Chowdhury made his debut in the music industry with the song "Runner" or "Ranar" by composing its music. The lyrics were written by Bengali poet Sukanta Bhattacharya and the song was sung by Hemanta Mukherjee in 1950. Salilda and Mukherjee collaborated in the following years by producing new lyrics under record labels like Saregama. (Note: Two same sources:
- Jha, Subhash K (2023). "Hemant Kumar's Historic Fallout With Salil Choudhary"
- Jha, Subhash K. (2020). "Shocking untold story: How singer-composer Hemant Kumar fell out with composer Salil Chowdhury")

"Amay Prashna Kare Neel Dhrubatara" was written and composed by Salil Chowdhury, which he gave Hemanta Mukhopadhyay to sing in 1969. He intended on composing a Hindi version of the song after the Bengali version was released. Hemanta become informed about the re-adaptation, and thought Salil Chowdhury would give the Hindi version to him for recording.
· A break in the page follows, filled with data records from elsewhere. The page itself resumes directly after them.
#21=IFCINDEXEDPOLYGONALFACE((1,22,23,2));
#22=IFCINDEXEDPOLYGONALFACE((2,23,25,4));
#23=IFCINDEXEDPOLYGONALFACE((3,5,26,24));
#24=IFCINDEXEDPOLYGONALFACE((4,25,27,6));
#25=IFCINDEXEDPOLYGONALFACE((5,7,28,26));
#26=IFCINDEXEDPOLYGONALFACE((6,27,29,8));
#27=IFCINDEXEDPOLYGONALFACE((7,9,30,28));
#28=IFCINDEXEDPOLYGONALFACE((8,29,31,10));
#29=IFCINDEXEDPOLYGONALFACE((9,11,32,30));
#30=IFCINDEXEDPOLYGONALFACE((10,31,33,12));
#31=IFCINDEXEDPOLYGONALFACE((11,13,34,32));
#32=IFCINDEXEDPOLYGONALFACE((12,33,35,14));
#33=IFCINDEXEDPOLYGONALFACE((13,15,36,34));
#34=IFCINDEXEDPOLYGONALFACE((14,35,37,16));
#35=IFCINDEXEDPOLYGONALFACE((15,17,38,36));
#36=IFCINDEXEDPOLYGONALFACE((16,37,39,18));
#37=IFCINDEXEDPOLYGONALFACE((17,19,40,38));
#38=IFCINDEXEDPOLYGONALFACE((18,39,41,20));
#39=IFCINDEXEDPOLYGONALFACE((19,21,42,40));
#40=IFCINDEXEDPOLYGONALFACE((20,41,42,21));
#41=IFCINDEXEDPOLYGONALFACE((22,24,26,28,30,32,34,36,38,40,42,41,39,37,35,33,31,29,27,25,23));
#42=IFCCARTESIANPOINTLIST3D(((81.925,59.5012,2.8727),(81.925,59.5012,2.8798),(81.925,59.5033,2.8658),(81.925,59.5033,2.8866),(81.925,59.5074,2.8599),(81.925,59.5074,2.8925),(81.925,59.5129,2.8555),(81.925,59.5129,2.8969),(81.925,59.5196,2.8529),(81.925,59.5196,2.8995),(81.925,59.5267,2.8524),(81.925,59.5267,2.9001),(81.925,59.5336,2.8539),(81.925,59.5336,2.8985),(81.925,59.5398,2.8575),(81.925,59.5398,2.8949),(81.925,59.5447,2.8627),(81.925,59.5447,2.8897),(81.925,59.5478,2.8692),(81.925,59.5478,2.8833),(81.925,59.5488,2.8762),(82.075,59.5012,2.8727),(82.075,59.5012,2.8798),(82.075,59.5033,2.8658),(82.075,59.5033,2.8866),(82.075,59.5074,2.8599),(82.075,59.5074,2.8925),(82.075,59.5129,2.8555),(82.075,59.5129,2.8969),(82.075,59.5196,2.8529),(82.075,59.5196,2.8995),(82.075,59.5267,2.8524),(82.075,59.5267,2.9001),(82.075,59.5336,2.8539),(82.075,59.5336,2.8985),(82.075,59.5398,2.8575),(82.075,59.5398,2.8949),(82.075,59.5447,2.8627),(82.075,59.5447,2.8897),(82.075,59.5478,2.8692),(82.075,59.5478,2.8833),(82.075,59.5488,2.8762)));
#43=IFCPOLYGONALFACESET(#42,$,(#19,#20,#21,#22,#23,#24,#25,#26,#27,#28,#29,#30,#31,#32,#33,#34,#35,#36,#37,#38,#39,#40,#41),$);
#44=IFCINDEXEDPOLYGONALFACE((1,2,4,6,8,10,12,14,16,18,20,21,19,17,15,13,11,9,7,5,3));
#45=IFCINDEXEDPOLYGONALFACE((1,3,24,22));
Later, the Hindi song, titled "Kahin Door Jab Din Dhal Jaye" was penned by lyricist Yogesh and released in the 1971 film Anand. It was composed by Chowdhury and sung by Indian playback singer Mukesh. However, the original singer Hemanta Mukherjee expressed negative feedback when Chowdhury handed the song to Mukesh.

The cultural organization Nibedan featured its singer Anisur Rahman Sinha in an event named Matha Noto Kore Dao in October 2022, where he sang the song. On August 20, 2022, Bangladeshi singer Bappa Mazumder released a cover version of the song with modified lyrics by Partha Barua originally from Salil Chowdhury's song.

== Reception ==
Devojyoti Mishra of Anandabazar commented that the song begins in a three-dimensional rhythm, like a group of young people had gone out on bicycles and came to a stop by a road bend in front of a large waterfall. He notes that the prelude of the song starts in the rhythm of "স গ র স ধ নি". He states the song's vocals to then have music in a four-dimensional rhythm. He says that the tune was used in the Hindi film Anand, with a different prelude and interlude, in a sad tone to express of life.